Advanced microwave signalling transmission networks, particularly space-deployed communication, command and control (C.sup.3) systems, require deployable antennas configured of high performance flexible reflective surfaces. For this purpose knit mesh materials have been demonstrated to provide a sufficiently high level of performance that their continued use as reflector materials can be expected in the future. Unfortunately, conventionally woven mesh structures suffer from a significant problem of high in-plane mechanical stiffness, that can manifest itself through a number of characteristics which can degrade antenna performance, including difficulty in holding surface contour manufacturing tolerances, difficulty in maintaining tension in the surface resulting from thermoelastic effects and distortion of structural support members upon which the antenna mesh is mounted (also resulting from thermoelastic effects on the mesh). As system operating frequencies continue to increase, the stiffness problem becomes more pronounced, since stiffness is inversely proportional to antenna mesh hole size which, in turn, must be made smaller to maintain RF gain.
Fortunately, there has now been developed a mesh configuration which successfully addresses the stiffness problem and is expected to continue to enjoy a degree of performance heretofore unmatched by conventional mesh structures.
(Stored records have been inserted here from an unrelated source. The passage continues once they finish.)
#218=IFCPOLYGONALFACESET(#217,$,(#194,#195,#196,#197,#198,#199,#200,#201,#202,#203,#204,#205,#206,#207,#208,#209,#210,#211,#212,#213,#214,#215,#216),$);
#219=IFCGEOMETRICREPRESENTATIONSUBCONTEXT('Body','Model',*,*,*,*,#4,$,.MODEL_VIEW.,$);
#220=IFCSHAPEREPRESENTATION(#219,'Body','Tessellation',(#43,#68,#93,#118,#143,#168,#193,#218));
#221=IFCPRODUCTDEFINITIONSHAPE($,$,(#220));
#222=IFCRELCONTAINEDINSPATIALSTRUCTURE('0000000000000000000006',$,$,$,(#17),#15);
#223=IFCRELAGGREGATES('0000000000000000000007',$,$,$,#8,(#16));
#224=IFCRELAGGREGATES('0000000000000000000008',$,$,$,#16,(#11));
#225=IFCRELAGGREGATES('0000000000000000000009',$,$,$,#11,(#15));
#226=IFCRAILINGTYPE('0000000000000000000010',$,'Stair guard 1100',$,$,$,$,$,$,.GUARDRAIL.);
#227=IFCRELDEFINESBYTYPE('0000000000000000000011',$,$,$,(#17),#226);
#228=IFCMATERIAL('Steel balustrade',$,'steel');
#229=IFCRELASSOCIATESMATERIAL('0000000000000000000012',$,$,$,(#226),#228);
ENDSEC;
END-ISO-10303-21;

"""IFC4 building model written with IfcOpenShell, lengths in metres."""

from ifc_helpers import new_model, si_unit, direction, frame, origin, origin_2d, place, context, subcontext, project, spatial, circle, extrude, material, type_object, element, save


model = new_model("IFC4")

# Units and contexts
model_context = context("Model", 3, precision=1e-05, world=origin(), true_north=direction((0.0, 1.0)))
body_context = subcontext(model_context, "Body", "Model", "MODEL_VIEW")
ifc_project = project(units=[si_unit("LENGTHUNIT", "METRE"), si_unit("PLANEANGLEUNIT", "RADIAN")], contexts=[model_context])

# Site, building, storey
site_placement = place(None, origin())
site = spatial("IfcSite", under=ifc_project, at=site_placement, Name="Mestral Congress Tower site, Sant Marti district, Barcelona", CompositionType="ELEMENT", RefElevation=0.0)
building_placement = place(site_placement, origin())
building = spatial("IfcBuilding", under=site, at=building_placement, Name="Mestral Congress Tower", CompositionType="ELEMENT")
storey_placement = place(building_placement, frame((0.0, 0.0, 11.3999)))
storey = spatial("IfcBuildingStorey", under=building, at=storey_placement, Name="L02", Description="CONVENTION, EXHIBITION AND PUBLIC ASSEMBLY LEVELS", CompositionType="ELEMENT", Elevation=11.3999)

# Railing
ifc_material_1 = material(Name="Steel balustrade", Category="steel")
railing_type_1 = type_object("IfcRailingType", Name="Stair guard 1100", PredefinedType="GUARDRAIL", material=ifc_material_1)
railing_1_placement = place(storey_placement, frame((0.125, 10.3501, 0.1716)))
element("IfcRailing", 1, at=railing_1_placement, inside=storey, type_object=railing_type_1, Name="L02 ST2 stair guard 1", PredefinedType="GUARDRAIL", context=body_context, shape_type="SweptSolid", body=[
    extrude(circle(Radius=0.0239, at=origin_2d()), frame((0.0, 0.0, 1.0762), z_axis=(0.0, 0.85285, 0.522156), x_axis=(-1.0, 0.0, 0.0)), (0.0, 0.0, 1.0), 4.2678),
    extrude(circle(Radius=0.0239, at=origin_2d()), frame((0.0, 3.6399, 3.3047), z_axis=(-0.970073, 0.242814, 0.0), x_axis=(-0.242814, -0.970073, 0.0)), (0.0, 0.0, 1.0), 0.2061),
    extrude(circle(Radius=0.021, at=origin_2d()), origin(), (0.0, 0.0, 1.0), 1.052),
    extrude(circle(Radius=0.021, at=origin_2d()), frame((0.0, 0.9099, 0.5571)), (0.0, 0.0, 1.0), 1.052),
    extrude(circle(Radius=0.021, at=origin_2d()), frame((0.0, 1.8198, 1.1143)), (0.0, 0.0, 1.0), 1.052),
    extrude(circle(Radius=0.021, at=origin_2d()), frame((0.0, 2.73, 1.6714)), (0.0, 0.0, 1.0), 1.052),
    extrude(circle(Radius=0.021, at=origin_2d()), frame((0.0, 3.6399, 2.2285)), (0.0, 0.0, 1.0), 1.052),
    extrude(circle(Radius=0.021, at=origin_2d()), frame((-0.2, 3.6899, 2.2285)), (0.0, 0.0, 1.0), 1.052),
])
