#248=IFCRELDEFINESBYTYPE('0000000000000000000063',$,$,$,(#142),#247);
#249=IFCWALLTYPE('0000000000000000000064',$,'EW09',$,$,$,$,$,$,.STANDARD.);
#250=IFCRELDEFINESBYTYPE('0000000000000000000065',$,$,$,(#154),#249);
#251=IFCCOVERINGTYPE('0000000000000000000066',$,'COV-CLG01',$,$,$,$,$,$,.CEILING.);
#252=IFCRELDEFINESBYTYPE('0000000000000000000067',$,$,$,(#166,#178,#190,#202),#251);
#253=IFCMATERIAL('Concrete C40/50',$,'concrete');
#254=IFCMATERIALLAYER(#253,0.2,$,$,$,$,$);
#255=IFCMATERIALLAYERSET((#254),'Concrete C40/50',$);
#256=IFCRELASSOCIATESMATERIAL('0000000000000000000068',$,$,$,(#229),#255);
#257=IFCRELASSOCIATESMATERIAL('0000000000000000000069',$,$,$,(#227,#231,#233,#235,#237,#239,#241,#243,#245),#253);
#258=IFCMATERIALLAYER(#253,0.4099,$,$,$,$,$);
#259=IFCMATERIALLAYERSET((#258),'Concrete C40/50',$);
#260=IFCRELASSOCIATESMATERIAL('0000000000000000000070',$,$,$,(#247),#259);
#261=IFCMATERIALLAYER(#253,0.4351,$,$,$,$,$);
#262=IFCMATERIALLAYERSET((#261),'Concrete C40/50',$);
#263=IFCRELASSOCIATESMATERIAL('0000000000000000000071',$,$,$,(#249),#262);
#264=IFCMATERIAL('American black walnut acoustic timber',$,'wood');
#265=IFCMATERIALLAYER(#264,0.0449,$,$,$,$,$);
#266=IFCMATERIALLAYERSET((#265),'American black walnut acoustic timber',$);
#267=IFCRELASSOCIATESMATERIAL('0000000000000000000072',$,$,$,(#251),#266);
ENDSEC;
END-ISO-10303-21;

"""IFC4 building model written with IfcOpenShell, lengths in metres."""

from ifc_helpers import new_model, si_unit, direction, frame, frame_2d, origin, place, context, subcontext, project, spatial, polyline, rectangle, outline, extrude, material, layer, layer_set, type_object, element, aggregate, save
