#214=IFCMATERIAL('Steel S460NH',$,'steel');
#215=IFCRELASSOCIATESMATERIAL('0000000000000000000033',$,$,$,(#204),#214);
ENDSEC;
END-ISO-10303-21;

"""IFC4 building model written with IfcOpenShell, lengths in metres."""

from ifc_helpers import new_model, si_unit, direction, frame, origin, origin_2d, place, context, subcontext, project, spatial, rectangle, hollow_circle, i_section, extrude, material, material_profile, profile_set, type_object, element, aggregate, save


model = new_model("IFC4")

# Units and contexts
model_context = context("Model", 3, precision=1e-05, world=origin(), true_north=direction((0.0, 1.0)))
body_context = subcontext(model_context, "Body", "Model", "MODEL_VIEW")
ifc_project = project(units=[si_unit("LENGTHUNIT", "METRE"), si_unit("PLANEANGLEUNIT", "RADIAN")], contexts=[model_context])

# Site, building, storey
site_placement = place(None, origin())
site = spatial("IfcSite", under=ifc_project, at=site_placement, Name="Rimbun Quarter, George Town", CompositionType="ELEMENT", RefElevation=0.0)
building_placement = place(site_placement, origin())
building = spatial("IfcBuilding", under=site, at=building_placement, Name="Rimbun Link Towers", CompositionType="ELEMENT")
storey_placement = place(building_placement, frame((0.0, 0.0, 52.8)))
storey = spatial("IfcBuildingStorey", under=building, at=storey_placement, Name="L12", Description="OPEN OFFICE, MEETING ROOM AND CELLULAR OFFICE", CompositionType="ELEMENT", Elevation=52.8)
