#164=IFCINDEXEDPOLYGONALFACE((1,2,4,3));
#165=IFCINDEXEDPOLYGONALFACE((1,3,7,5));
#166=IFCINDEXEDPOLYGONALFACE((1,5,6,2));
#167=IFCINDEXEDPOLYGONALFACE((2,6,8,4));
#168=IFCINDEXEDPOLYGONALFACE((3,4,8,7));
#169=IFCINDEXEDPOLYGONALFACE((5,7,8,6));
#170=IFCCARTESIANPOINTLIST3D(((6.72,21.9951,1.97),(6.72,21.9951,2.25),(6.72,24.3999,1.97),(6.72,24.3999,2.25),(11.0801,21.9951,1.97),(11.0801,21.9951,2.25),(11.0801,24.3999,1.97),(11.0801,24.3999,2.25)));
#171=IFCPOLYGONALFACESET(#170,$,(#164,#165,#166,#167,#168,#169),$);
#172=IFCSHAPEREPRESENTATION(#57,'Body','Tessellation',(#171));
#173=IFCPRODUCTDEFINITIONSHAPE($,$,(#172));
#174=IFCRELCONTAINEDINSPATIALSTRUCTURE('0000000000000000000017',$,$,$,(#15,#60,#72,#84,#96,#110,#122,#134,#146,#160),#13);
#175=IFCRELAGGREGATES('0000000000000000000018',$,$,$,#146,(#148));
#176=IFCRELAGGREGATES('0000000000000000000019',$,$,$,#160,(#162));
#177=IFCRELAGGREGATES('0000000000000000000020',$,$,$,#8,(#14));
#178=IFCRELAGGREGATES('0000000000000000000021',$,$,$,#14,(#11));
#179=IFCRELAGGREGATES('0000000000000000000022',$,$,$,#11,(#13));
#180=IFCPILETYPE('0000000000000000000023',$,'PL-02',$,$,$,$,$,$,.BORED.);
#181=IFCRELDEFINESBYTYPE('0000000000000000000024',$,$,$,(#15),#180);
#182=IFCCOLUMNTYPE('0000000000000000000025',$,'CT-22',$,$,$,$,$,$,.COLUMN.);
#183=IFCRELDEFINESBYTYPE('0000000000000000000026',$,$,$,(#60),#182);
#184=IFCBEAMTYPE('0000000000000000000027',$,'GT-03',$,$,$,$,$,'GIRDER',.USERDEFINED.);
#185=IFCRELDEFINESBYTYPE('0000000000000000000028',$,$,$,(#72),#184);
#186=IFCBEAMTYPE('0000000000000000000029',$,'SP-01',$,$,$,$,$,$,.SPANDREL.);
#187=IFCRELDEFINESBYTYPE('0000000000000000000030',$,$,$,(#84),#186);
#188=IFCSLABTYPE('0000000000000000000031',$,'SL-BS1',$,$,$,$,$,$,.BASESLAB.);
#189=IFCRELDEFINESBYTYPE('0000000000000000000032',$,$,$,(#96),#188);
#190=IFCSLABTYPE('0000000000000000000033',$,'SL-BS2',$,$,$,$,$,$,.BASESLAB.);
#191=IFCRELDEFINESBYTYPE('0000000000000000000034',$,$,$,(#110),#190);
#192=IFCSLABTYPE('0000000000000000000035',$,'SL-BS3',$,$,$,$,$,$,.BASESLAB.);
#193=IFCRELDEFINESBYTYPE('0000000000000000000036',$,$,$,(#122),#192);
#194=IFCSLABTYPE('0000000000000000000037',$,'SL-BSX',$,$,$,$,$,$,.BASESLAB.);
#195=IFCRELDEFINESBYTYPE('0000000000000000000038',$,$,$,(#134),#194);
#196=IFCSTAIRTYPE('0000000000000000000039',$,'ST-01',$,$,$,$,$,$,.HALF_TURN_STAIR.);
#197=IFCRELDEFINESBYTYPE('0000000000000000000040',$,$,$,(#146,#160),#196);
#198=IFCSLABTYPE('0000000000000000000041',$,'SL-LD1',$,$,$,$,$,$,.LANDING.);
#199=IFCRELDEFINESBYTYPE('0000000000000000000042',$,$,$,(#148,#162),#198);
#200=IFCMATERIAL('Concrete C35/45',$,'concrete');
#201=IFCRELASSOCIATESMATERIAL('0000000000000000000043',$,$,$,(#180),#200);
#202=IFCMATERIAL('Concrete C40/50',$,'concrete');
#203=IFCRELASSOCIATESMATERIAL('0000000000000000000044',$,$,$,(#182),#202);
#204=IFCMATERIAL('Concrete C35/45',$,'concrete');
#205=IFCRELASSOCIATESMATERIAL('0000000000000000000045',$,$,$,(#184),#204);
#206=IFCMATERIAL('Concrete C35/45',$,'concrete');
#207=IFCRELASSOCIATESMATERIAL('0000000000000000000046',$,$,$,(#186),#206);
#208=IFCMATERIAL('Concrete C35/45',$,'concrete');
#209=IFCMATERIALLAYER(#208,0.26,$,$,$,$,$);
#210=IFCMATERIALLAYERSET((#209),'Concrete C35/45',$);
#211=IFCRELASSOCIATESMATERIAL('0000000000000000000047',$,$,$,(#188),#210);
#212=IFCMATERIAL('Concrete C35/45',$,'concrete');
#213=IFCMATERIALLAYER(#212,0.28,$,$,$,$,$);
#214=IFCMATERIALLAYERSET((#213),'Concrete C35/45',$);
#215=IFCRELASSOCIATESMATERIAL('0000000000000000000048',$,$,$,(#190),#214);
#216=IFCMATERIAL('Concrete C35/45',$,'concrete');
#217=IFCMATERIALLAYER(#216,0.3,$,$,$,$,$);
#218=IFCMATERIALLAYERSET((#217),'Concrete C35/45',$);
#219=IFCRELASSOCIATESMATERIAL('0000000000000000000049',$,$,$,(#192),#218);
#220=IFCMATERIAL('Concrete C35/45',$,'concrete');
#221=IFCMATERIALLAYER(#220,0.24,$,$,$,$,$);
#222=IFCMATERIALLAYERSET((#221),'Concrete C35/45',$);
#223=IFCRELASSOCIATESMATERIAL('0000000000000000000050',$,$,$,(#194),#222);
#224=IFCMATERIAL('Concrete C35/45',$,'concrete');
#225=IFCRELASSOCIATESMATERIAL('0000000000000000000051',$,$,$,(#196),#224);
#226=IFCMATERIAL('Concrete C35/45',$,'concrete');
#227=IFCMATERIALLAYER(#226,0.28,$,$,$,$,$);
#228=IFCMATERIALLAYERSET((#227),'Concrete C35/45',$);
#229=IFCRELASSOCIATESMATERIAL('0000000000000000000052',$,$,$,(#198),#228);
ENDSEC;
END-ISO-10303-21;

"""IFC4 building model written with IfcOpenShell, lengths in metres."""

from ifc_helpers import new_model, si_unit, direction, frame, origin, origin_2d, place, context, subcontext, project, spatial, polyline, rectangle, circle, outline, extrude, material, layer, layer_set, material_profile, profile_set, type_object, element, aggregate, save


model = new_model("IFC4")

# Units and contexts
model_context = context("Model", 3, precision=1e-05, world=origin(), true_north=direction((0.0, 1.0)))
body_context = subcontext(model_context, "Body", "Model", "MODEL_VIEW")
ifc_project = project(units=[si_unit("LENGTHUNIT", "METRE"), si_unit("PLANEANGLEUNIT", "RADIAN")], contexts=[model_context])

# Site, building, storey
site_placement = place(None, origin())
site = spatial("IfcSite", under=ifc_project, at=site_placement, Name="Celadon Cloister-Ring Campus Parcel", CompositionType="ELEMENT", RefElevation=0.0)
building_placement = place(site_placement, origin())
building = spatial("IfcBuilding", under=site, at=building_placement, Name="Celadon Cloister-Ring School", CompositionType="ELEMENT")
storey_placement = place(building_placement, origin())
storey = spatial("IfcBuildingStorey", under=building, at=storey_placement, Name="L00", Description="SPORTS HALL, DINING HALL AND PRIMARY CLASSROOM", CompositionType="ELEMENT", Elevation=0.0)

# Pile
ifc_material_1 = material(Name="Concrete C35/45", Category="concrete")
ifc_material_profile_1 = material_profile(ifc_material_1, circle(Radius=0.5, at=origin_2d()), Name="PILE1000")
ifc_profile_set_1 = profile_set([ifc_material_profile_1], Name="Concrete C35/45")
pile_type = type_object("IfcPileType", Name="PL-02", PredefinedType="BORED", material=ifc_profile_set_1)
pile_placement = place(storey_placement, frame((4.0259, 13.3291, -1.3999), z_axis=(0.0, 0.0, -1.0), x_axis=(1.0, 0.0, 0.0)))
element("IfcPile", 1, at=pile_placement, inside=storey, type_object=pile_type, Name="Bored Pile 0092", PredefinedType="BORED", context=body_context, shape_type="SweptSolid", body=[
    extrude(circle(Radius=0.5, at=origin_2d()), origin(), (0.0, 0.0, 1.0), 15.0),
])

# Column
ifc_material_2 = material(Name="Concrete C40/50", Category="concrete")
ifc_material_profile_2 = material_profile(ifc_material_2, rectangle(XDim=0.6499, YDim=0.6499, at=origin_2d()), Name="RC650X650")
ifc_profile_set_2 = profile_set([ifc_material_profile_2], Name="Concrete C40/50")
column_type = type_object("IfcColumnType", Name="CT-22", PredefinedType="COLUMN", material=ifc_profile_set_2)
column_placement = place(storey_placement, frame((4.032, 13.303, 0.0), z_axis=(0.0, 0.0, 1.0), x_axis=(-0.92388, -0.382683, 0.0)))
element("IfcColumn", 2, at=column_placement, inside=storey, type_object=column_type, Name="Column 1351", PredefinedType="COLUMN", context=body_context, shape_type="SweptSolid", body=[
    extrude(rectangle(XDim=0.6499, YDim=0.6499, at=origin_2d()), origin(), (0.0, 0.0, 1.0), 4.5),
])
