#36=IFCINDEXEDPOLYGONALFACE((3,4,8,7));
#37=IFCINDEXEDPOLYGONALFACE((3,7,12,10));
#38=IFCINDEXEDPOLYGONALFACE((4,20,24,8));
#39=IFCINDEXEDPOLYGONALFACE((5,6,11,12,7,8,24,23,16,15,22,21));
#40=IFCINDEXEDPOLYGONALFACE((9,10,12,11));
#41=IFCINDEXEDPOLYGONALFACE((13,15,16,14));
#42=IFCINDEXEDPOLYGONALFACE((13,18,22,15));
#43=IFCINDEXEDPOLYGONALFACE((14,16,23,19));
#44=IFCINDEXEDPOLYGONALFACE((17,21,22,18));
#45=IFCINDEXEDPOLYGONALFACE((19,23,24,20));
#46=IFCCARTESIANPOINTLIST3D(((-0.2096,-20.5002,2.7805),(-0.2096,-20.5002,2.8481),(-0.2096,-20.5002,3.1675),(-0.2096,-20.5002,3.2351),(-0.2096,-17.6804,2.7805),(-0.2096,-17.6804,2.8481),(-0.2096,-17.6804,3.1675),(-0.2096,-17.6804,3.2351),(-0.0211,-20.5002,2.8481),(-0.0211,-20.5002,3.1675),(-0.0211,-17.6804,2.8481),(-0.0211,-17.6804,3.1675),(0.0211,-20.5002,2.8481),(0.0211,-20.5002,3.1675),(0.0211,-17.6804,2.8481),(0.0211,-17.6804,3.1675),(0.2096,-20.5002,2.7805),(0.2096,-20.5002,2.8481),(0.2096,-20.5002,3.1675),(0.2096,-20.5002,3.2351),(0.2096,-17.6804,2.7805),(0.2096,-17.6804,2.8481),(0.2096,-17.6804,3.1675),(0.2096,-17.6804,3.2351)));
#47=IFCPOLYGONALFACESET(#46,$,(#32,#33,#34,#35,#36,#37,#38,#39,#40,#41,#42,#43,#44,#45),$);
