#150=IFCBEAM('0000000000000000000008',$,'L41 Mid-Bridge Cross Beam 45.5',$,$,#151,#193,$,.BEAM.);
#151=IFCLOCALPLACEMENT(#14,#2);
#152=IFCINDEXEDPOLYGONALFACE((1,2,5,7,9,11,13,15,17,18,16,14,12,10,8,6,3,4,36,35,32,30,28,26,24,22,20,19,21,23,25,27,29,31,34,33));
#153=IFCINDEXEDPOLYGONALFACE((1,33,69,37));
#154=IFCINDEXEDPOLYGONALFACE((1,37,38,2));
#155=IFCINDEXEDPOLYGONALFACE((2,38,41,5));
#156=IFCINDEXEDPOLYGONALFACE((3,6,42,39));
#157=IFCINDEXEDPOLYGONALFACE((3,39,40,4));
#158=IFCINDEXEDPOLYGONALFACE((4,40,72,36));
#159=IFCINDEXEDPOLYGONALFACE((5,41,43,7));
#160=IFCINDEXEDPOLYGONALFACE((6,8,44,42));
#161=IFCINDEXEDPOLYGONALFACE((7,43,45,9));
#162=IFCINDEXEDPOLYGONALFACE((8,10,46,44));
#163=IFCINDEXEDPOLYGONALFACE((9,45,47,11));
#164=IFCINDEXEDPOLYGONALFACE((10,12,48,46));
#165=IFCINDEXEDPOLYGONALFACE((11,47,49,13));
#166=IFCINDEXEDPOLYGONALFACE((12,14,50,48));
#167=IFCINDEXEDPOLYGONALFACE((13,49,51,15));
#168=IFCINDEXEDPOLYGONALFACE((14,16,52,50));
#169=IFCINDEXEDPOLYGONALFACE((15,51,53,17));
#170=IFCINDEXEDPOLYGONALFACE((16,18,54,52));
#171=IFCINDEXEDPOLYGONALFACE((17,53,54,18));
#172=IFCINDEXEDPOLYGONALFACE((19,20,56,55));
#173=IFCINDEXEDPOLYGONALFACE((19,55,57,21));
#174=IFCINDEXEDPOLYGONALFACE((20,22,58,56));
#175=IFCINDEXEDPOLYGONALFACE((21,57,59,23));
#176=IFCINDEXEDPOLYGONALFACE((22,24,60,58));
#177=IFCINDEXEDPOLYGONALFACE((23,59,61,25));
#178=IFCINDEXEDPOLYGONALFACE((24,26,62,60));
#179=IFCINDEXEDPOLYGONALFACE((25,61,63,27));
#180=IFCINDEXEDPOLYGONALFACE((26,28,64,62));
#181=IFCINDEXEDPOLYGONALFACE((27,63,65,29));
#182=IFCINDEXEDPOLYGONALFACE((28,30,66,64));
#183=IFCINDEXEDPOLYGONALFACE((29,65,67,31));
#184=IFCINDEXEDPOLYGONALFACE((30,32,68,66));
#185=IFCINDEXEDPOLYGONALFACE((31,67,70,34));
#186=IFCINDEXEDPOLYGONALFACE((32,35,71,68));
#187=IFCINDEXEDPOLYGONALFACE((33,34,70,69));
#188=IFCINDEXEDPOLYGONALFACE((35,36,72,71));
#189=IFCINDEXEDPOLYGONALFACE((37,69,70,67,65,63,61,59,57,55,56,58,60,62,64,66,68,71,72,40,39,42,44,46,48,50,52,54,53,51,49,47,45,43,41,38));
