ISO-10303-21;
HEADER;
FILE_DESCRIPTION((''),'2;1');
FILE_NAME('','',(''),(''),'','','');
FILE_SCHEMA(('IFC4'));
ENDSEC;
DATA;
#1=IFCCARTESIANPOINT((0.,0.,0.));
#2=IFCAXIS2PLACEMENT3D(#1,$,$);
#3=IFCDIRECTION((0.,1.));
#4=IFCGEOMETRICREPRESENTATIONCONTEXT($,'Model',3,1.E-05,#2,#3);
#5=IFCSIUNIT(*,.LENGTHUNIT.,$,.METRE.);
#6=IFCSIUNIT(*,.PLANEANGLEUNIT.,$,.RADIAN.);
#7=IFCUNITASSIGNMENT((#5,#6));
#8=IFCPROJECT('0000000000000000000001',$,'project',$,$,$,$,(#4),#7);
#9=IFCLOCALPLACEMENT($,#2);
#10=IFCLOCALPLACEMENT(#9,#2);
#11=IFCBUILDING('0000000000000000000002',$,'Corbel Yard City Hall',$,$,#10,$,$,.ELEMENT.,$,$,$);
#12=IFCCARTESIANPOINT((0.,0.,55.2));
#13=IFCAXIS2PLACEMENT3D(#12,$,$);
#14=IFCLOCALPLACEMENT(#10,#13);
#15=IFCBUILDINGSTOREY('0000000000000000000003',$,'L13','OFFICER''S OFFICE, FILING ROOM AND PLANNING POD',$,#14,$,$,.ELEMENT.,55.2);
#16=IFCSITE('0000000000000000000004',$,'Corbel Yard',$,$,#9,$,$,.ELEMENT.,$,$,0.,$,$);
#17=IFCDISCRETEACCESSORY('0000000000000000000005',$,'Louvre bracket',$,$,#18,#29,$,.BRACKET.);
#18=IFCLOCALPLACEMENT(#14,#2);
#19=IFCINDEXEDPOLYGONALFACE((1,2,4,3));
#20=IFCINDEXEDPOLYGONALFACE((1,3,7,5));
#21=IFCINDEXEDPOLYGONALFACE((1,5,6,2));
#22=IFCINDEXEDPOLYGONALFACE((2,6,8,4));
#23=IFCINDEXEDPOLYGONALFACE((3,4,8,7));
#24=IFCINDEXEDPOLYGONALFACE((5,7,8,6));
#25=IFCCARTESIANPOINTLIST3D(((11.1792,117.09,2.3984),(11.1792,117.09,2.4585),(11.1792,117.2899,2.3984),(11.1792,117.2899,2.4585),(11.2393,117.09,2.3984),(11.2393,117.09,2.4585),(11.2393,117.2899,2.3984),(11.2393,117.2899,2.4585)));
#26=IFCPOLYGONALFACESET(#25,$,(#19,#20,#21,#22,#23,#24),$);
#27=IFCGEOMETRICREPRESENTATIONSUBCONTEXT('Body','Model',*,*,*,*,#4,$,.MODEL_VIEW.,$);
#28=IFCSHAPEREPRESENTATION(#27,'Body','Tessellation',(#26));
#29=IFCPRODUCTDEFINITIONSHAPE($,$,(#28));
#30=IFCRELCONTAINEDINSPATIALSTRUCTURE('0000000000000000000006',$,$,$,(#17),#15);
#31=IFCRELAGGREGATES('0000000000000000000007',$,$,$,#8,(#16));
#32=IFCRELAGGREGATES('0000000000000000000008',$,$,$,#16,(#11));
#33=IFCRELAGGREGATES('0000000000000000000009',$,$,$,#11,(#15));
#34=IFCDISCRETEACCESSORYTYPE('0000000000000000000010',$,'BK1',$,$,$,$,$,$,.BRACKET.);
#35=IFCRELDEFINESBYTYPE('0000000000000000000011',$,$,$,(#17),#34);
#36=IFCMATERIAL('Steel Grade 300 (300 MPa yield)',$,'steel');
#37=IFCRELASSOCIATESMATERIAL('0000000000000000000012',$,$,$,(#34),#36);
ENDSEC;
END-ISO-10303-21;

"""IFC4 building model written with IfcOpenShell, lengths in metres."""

from ifc_helpers import new_model, si_unit, direction, frame, origin, origin_2d, place, context, subcontext, project, spatial, rectangle, extrude, material, type_object, element, save


model = new_model("IFC4")

# Units and contexts
model_context = context("Model", 3, precision=1e-05, world=origin(), true_north=direction((0.0, 1.0)))
body_context = subcontext(model_context, "Body", "Model", "MODEL_VIEW")
ifc_project = project(units=[si_unit("LENGTHUNIT", "METRE"), si_unit("PLANEANGLEUNIT", "RADIAN")], contexts=[model_context])

# Site, building, storey
site_placement = place(None, origin())
site = spatial("IfcSite", under=ifc_project, at=site_placement, Name="Corbel Yard", CompositionType="ELEMENT", RefElevation=0.0)
building_placement = place(site_placement, origin())
building = spatial("IfcBuilding", under=site, at=building_placement, Name="Corbel Yard City Hall", CompositionType="ELEMENT")
storey_placement = place(building_placement, frame((0.0, 0.0, 55.2)))
storey = spatial("IfcBuildingStorey", under=building, at=storey_placement, Name="L13", Description="OFFICER'S OFFICE, FILING ROOM AND PLANNING POD", CompositionType="ELEMENT", Elevation=55.2)

# Shared definitions
ifc_material_1 = material(Name="Steel Grade 300 (300 MPa yield)", Category="steel")

# Discrete accessory
discrete_accessory_type = type_object("IfcDiscreteAccessoryType", Name="BK1", PredefinedType="BRACKET", material=ifc_material_1)
for number, where, z_axis, x_axis, name in (
    (1, (11.2092, 117.1899, 2.3984), (0.0, 0.0, 1.0), (1.0, 0.0, 0.0), "Louvre bracket"),
):
    element("IfcDiscreteAccessory", number, at=place(storey_placement, frame(where, z_axis=z_axis, x_axis=x_axis)), inside=storey, type_object=discrete_accessory_type, Name=name, PredefinedType="BRACKET", context=body_context, shape_type="SweptSolid", body=[
        extrude(rectangle(XDim=0.0601, YDim=0.2, at=origin_2d()), origin(), (0.0, 0.0, 1.0), 0.0601),
    ])

save(model, "model.ifc")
More particularly, in the U.S. Pat. No. 4,609,923 to Boan et al, entitled Gold-plated Tungsten Knit RF Reflective Surface, issued Sept. 2, 1986 and assigned to the assignee of the present application, there is described a new and improved antenna mesh configuration formed of small diameter (e.g. 0.4-1.5 mil diameter) gold-plated tungsten wire that has been knitted in a tricot knit configuration, so as to be able to effectively absorb thermoelastic changes in the wire and thereby retain the intended shape of the antenna. Namely, because of the inherent properties of its multiple loop structure, a tricot knit configuration is able to permit relative displacement between loops of wire at different portions of the mesh in response to environmental (thermal) changes, so that the intended contour of the antenna is effectively continuously maintained.
The present trend is toward increased RF aperture sizes for space-deployable antennas. These larger diameter structures must maintain high precision contour accuracy over the range of orbital thermal conditions to operate at the higher RF frequencies. To minimize thermoelastic distortions, materials with a near-zero coefficient of thermal expansion (CTE) become particularly attractive. Another factor closely associated with the larger diameter antenna structures is the weight contribution of the RF reflective surface itself. Materials should be selected which minimize the weight per unit area of the paraboloidal reflective surface. For example, a representative weight savings of 30-35 lbs. can be realized for a 150foot diameter antenna by utilizing low-density material for the reflective surface. Materials such as tungsten wire and molybdenum wire are utilized in the design and construction of tricot knit mesh reflective surfaces for space deployable antennas. The basic weight density of these metallic materials significantly exceeds that of some non-metallic materials. In addition, some metallic-materials are subject to sputter degradation in the presence of (non line-of-sight) nuclear radiation.